张鑫将水杯放下,不紧不慢的说:“谁让你这么古板呢,只是运点感冒药罢了,又不犯法,你非得千方百计的拦着。”
路遥脸上闪过一丝了然之色,道:“张鑫你这垃圾,狗改不了吃屎。将感冒药运到国外提炼毒品……咳咳……”
张鑫理了下领带,笑道:“你别血口喷人啊,我可是国际知名企业家。这次回国,‘省招商引资局’还打电话欢迎我呢~”

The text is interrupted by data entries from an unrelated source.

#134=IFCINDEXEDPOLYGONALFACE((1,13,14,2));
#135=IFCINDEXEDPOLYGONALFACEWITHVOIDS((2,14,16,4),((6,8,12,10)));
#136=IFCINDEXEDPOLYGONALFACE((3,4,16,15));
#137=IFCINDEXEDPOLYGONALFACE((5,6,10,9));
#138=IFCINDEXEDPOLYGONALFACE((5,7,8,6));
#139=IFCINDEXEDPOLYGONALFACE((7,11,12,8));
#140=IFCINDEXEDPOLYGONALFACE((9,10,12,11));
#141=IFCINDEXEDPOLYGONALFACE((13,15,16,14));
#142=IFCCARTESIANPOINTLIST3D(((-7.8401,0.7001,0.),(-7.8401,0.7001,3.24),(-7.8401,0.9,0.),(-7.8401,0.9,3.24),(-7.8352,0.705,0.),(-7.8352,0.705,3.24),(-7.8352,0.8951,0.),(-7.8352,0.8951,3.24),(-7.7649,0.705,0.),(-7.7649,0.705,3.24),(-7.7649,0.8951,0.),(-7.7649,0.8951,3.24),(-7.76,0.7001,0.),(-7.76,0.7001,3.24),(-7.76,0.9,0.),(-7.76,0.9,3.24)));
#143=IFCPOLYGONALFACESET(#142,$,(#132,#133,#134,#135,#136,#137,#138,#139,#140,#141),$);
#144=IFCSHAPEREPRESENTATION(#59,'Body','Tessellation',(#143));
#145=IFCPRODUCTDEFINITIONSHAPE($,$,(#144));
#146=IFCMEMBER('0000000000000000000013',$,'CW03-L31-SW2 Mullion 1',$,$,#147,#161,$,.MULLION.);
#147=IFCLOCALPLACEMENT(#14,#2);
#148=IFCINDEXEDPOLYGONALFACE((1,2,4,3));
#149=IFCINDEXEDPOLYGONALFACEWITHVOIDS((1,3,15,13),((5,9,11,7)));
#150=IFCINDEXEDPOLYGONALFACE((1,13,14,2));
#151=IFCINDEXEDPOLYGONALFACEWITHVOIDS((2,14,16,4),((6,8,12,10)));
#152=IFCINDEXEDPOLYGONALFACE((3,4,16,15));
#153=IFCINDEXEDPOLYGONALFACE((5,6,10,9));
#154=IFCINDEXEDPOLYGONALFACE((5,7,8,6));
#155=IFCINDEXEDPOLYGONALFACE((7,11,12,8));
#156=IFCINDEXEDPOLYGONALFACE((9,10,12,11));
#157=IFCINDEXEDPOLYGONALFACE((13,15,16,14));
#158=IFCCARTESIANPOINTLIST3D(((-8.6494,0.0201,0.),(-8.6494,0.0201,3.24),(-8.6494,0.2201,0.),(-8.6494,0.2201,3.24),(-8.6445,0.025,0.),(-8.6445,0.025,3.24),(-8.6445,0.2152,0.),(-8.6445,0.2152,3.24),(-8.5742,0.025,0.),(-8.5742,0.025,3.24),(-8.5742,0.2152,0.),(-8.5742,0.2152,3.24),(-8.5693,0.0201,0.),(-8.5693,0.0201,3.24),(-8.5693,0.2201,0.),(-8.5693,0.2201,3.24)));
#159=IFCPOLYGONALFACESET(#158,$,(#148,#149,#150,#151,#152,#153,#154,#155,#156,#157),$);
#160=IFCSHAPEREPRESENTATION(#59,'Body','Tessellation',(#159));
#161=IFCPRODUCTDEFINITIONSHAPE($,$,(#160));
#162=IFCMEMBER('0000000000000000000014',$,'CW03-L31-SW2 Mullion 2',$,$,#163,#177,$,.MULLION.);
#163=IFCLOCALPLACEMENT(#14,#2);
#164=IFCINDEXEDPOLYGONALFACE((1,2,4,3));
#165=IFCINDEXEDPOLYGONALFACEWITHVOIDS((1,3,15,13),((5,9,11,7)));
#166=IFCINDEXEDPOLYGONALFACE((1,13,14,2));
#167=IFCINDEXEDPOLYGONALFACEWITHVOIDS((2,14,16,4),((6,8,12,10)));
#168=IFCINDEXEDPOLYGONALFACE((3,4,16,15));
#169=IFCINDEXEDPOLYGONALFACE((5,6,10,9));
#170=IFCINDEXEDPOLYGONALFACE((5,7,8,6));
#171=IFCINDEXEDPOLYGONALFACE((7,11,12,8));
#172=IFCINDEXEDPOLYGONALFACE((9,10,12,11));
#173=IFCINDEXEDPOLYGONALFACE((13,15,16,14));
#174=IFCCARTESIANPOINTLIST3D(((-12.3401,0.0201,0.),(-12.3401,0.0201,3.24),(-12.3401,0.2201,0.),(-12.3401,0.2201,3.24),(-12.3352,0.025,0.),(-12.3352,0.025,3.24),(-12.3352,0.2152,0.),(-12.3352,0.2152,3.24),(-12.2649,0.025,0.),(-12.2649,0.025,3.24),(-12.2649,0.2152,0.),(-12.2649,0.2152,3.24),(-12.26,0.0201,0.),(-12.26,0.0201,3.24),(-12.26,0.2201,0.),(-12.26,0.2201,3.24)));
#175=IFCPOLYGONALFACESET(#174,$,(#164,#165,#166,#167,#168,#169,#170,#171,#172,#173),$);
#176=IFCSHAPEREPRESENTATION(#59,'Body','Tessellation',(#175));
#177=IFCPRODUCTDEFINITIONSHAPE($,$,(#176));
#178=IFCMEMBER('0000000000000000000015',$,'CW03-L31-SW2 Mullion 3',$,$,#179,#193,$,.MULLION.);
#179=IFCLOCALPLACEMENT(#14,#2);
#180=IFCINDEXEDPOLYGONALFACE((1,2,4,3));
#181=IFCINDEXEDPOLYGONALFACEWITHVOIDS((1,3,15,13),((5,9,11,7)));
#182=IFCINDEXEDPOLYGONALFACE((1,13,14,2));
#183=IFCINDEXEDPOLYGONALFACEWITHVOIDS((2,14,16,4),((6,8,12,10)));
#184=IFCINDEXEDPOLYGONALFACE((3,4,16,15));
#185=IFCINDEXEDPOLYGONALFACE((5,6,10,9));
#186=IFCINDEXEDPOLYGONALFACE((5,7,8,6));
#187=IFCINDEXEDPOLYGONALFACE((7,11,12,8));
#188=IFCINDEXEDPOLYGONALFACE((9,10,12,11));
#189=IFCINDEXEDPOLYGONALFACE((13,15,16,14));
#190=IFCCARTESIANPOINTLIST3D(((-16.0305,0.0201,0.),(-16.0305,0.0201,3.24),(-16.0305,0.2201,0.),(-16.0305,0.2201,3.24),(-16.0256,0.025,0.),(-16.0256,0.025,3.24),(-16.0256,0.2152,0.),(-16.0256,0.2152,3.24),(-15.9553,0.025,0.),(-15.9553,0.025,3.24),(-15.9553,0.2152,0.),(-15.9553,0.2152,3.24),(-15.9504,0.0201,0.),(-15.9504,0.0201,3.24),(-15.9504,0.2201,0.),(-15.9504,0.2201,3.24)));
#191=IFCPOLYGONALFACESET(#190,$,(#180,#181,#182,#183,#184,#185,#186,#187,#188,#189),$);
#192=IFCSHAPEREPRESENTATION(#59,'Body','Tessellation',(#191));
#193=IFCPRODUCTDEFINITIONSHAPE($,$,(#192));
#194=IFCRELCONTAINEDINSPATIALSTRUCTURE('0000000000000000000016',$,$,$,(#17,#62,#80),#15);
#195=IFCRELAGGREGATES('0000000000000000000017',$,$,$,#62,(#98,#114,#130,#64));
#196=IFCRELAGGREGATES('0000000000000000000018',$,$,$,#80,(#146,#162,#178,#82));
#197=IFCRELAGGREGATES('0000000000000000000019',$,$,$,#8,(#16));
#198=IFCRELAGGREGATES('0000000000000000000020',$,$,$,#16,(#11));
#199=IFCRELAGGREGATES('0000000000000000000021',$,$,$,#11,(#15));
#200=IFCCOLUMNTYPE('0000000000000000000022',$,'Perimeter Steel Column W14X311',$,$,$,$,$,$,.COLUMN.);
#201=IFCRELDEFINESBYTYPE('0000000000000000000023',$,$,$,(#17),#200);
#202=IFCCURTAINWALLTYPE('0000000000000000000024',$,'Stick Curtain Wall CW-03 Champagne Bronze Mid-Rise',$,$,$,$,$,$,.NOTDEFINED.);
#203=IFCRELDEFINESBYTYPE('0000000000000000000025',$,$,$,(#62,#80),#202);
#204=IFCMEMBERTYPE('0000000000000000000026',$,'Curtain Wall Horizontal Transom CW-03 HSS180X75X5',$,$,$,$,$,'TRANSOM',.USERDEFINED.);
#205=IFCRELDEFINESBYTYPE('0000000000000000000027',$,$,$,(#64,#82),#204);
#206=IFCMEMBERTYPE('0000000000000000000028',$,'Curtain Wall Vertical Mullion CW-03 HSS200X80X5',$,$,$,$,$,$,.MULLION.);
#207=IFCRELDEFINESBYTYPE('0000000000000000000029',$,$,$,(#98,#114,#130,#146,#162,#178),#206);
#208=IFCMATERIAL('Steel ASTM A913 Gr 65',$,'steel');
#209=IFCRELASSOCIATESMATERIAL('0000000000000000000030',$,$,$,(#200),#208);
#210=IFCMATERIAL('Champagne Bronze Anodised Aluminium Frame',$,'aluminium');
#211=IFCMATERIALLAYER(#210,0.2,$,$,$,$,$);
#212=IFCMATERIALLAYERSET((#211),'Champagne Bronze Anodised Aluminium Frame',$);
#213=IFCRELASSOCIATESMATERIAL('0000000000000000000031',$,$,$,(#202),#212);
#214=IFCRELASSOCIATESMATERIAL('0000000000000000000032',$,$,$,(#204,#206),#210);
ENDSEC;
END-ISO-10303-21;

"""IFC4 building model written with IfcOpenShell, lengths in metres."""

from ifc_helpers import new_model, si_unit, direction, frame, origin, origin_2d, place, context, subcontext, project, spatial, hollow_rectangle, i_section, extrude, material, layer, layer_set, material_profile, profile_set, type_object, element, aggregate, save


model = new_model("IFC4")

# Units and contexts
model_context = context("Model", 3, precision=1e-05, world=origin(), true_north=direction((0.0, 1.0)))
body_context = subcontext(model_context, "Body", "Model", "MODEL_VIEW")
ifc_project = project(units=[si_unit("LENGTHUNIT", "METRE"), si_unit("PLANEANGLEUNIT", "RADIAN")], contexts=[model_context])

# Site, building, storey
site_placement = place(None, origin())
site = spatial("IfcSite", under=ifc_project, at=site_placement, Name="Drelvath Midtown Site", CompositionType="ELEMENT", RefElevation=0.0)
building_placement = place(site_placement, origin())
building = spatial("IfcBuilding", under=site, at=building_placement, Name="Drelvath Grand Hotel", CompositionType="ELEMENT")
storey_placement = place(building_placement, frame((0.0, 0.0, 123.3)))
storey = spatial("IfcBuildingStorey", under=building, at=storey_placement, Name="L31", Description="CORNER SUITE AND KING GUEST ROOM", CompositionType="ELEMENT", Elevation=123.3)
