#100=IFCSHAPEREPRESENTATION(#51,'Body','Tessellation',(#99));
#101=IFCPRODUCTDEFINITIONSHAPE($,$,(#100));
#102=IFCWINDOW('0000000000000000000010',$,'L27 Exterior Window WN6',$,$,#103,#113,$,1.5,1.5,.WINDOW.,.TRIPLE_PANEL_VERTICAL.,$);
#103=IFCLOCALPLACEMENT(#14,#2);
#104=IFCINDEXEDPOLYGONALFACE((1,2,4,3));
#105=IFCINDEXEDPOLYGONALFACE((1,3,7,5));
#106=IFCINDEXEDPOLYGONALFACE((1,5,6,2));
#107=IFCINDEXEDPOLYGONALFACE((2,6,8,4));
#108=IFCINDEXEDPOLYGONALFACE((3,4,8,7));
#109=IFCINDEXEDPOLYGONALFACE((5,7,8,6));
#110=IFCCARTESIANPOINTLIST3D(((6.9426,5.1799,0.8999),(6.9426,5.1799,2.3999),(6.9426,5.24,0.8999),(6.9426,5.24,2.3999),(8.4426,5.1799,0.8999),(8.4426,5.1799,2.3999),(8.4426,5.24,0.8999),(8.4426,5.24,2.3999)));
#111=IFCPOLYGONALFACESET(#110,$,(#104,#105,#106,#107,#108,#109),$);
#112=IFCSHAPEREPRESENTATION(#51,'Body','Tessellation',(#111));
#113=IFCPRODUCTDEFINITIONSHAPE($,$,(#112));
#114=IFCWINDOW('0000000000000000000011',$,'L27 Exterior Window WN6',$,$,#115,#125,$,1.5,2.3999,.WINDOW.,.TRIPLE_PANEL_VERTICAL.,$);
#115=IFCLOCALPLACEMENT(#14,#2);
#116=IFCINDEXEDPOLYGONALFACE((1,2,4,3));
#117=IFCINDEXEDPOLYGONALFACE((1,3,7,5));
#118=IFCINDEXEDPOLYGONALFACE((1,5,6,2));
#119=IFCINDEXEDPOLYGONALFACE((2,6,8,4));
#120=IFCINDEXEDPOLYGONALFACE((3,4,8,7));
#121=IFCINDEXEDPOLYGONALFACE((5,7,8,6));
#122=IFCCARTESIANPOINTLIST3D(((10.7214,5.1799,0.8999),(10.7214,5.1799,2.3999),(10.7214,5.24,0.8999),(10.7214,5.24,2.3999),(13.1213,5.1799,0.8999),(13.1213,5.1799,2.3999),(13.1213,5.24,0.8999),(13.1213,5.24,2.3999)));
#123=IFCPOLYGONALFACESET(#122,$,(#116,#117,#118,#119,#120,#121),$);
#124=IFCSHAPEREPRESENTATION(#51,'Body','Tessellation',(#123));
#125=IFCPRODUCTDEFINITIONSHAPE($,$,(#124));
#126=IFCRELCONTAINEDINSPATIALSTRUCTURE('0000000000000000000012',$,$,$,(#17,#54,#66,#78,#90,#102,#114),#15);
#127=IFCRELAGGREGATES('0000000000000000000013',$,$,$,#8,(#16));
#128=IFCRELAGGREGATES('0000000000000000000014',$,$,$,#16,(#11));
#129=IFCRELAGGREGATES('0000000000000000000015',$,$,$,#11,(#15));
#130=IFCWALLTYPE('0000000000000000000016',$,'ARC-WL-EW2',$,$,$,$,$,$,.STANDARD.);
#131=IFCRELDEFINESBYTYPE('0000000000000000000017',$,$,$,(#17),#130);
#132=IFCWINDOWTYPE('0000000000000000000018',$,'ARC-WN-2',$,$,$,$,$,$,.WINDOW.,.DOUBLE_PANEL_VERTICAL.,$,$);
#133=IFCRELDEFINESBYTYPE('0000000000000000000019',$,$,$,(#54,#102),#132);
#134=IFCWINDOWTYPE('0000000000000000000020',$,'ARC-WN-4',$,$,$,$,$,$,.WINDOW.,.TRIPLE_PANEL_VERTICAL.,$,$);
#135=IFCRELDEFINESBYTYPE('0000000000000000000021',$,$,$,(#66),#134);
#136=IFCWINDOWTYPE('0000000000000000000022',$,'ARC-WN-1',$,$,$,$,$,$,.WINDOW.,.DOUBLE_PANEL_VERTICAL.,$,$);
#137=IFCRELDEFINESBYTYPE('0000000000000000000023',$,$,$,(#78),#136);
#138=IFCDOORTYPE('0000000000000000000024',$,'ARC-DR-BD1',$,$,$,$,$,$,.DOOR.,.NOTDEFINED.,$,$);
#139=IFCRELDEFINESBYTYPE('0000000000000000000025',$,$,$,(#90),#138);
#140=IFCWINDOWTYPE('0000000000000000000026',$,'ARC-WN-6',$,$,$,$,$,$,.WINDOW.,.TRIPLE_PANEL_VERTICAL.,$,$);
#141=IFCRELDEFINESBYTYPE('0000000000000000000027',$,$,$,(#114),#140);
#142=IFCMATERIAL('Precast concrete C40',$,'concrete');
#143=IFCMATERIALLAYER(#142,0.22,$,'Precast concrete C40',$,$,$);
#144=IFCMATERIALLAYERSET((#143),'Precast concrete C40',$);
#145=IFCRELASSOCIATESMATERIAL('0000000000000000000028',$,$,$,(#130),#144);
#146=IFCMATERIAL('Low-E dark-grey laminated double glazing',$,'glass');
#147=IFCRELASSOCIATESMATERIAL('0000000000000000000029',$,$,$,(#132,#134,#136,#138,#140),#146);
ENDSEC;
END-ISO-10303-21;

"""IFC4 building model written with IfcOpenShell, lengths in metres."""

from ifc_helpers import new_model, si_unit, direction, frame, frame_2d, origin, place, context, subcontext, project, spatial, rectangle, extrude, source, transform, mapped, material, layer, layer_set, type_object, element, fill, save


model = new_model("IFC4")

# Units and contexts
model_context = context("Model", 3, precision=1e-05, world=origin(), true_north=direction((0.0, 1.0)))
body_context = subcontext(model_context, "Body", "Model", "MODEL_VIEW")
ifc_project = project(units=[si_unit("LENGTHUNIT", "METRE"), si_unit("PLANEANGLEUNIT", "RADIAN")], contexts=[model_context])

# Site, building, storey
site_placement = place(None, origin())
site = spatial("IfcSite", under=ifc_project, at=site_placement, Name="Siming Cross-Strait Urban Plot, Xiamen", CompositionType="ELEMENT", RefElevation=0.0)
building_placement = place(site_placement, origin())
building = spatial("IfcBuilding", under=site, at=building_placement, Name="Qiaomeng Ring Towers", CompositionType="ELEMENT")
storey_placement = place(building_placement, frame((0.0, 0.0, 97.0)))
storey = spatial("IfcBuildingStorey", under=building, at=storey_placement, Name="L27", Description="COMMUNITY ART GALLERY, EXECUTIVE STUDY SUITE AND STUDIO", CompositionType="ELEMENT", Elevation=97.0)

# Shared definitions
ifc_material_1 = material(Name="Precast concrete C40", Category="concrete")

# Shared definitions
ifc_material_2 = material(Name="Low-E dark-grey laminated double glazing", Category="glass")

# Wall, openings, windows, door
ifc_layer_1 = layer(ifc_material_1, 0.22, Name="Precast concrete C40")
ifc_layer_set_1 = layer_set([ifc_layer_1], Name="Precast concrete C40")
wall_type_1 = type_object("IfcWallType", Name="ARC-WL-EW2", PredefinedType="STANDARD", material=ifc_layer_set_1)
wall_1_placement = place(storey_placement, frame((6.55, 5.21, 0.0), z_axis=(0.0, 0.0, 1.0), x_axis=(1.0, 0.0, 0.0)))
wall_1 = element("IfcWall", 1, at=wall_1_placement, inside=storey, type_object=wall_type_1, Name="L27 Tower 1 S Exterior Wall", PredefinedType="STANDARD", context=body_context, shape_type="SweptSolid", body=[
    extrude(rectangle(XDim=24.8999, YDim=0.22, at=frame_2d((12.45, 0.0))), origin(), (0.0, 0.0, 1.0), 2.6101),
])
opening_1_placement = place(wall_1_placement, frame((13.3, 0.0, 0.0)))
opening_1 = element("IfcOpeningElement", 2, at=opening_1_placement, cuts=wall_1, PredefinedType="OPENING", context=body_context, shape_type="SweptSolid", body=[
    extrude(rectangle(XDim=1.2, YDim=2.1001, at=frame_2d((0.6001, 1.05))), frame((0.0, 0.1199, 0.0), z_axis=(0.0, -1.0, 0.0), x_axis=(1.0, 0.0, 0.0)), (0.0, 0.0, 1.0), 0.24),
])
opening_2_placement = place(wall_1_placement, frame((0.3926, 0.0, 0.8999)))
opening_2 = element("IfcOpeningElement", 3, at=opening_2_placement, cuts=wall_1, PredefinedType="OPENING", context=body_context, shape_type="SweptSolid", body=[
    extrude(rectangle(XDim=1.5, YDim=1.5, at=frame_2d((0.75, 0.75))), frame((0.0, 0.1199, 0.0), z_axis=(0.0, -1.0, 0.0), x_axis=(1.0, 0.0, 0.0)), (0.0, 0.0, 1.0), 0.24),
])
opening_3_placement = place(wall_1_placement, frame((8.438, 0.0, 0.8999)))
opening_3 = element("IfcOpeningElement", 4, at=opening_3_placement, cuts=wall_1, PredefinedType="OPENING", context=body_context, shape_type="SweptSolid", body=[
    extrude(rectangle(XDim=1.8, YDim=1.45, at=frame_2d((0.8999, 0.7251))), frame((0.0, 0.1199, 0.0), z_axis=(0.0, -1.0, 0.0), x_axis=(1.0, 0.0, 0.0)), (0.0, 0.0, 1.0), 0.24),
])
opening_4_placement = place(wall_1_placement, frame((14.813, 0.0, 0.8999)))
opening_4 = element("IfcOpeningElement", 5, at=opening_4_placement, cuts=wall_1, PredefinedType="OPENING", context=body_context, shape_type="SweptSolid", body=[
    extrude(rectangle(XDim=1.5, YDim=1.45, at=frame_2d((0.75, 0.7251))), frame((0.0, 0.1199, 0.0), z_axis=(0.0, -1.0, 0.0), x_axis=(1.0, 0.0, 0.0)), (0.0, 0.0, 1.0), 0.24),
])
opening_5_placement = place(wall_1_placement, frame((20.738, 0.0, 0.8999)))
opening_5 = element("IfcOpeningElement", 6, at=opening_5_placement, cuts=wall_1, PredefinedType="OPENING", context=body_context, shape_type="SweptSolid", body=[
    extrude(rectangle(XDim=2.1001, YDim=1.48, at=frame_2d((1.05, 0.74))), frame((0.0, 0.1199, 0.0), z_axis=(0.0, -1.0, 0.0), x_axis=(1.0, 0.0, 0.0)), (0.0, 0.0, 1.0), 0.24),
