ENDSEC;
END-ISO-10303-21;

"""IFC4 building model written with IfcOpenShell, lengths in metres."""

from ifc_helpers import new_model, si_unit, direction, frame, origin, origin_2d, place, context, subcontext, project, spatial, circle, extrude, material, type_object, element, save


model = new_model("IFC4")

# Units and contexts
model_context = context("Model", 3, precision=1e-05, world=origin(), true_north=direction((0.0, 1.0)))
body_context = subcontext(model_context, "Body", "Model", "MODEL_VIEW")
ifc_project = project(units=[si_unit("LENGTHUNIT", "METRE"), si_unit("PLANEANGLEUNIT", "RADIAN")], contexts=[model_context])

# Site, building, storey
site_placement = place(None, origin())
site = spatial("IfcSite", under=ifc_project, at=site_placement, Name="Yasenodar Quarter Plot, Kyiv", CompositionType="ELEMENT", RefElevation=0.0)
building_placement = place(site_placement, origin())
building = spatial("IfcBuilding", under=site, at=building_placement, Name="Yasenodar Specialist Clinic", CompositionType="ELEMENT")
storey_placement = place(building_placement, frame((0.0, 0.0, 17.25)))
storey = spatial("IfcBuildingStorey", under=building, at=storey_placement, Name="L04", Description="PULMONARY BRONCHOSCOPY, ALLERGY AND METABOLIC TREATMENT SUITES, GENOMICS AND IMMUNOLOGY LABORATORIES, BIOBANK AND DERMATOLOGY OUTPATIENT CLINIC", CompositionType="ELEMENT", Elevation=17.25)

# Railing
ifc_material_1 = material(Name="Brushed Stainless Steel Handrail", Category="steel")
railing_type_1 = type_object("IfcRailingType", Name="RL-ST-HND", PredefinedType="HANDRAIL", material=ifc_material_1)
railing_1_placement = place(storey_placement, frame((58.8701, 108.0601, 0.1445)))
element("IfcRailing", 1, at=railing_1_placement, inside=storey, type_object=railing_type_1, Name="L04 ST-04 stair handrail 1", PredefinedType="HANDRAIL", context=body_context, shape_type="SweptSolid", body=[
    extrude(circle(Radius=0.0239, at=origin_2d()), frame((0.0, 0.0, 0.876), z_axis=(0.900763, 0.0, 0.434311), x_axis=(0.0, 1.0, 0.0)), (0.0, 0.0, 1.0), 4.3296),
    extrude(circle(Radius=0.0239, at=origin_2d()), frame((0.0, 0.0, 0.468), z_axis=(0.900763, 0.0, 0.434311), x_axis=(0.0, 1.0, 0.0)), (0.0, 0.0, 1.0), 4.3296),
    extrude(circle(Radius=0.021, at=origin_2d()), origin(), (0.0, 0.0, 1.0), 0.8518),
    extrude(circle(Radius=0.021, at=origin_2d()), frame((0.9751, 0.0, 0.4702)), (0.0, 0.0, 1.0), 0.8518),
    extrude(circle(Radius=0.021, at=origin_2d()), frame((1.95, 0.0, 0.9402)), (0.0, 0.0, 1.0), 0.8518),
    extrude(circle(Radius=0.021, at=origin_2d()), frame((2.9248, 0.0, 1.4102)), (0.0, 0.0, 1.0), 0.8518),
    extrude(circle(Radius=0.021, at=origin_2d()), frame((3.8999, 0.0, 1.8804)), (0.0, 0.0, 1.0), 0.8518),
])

路遥叹了口气,现在的自己什么都做不了,索性闭上眼睛不再说话,安静等待死亡的到来。
但张鑫却不想让眼前饱受病痛折磨、即将离世的表兄走好。他附身靠近,悄悄说道:琇書蛧
“表哥啊~其实呢,我这次回国主要就是见你一面,告诉你一声——你的癌,是我弄出来的~”
路遥陡然挣开眼,“你说什么!”
张鑫笑眯眯的掏出个铅盒打开,里面是件古怪的三角形饰物,仅有巴掌大小,中间是只眼睛似的图案,一看就很有年代感。
“眼熟吧?这是我亲手送你的,货真价实的古董。我在里面掺了点放射性物质,长期接触就会变成你现在这副鬼样子。”
路遥马上认出来,这是自己很喜欢的一件古物,天天摆在书桌上,时不时的把玩,没想到却是要人命的东西!
他伸出枯枝似的手臂,死死的抓住眼前人的胳膊!“你……”
“别激动~表哥,我西装很贵的。”张鑫轻松拿掉路遥的手,小心的捏起铅盒,将放射性饰物塞进他怀里。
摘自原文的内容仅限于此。